Tilt Shift

June 10th, 2009

A photographic technique that you see a lot of these days is the tilt-shift. Essentially, the process is very simple: take a photo (a long shot works best, like a shot of a landscape from a height) and blur only the top and bottom of the image, the blur being feathered to a fair degree. What results is an image that makes everything in it look tiny, like a scale-model set.

This effect tricks the eye because of our natural perception of depth-of-field. When taking an image, the camera is focused on objects within a specific distance. For example, if I take a photo of a person standing ten feet away, I want to be focused on that person. But the camera will catch anything between, say, eight feet and twelve feet away as focused; the rest will be out of focus, the farther it is from that range. This is depth of field.

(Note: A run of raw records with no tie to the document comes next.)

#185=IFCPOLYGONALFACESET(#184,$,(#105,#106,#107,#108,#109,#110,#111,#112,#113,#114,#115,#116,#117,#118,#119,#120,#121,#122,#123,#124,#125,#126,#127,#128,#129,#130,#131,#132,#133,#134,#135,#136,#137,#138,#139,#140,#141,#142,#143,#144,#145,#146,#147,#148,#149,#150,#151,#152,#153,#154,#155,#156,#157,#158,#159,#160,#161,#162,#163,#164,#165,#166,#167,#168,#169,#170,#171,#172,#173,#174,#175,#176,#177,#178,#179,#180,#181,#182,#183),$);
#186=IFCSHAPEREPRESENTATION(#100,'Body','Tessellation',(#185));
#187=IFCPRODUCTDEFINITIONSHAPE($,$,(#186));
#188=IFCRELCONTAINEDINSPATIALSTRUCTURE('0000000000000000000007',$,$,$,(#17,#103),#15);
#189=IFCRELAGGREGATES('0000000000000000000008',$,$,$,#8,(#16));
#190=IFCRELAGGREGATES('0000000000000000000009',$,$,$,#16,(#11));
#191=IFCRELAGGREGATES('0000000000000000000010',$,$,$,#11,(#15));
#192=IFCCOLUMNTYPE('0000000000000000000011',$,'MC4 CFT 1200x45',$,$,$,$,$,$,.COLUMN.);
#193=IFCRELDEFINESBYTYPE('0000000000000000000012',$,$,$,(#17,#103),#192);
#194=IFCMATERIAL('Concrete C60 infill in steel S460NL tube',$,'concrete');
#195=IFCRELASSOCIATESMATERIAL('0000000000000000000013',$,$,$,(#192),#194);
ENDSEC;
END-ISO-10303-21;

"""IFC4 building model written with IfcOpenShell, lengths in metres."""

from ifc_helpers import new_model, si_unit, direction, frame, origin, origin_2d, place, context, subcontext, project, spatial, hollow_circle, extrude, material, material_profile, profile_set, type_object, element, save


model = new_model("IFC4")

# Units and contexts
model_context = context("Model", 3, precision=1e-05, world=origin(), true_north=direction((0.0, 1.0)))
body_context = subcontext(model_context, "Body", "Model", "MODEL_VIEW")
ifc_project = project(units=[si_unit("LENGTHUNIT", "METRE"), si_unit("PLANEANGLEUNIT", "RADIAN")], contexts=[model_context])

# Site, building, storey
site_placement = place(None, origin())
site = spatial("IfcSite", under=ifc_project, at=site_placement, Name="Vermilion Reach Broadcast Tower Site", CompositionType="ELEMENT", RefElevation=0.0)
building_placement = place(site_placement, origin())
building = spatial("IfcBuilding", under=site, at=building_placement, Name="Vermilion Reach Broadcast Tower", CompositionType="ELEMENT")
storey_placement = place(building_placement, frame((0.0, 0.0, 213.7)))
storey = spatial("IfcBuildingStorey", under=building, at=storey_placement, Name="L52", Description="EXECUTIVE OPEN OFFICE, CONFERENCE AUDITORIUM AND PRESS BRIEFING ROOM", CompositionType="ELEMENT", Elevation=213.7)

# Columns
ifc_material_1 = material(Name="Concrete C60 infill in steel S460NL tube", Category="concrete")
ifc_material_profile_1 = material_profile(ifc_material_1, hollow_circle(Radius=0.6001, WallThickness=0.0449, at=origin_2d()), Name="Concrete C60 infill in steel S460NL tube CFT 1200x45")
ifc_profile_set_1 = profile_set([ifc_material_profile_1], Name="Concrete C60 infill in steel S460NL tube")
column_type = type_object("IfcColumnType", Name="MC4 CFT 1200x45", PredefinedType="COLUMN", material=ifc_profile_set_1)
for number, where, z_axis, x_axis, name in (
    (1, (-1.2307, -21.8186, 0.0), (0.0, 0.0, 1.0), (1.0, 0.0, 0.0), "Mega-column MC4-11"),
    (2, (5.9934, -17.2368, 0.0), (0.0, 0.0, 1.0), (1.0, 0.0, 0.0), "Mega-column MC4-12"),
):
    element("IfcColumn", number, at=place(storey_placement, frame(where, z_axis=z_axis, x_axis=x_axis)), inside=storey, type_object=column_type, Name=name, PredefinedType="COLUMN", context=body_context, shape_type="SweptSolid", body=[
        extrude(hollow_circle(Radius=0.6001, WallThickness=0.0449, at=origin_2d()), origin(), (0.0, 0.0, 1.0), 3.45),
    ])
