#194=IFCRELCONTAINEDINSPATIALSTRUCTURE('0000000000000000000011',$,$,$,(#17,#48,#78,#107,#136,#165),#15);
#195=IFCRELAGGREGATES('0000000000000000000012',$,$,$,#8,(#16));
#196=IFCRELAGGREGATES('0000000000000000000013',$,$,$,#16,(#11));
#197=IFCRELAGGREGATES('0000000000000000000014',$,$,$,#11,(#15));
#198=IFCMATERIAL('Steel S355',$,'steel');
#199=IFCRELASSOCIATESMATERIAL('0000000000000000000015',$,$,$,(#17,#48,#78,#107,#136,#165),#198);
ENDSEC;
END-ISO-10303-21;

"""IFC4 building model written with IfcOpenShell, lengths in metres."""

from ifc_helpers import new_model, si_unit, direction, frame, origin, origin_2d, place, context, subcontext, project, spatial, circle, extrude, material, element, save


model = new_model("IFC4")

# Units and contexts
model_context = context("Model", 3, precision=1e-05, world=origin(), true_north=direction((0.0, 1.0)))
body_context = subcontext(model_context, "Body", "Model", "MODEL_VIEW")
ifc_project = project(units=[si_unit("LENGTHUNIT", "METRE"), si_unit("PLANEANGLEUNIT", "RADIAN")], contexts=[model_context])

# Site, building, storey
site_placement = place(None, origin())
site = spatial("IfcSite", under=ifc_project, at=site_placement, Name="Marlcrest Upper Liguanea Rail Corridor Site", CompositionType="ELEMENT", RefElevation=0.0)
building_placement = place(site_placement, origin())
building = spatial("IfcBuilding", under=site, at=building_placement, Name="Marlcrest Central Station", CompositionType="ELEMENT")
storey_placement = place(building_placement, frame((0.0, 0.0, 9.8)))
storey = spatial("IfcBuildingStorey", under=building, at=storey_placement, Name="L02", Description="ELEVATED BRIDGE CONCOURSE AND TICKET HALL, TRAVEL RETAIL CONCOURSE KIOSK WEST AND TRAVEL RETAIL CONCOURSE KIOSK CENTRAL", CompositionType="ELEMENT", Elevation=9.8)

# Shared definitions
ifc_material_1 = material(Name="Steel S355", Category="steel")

The more the camera’s shutter is closed (higher aperture, or f-stop), the greater the depth of field becomes and more is in focus. The wider the aperture, the narrower the depth of field becomes. This is used in portrait shots, where you want only the person you’re shooting to be in focus, with the background out of focus.

Depth of field, however, is most noticeable when you are close-up to something. If you take a photo of objects at a distance of,say, more than 30 or 40 feet away, it becomes harder to create a depth-of-field effect. When you take a landscape shot of objects far away, creating depth of field is virtually impossible. Therefore, our minds relate depth-of-field with closeness–if there is a gradient of focus, we assume that what we see is within a few feet of our eyes.

Thus, when you see photos like the ones below, you automatically think it must be a scale model:

Yamanote01

Yamanote02

These are not the best examples of the technique, but they were easy to make: I just took snaps of the view from my balcony window, emailed them to myself, and then uploaded them to Tilt Shift Maker, a web site that will make the transformation quickly and easily. Just upload the image, select an area to blur, and a few more clicks will send the altered image back to you.

Adobe Photoshop CS4 has the feature built-in, but I don’t have that version. You could still do the effect in other versions of Photoshop (select a band of the image and feather by a large amount, invert the selection, then apply a gaussian blur effect; otherwise you make a gradient mask in a more complex process), but the web site was just easier.

For added effect, I took the images above into Apple’s free Preview app and goosed the color saturation (scale models are usually painted with stronger colors than in real life).

For some reason, I never heard about this being used before Adobe came out with the feature in CS4. But now you see it a lot, including in the opening credits for the new TV show Dollhouse.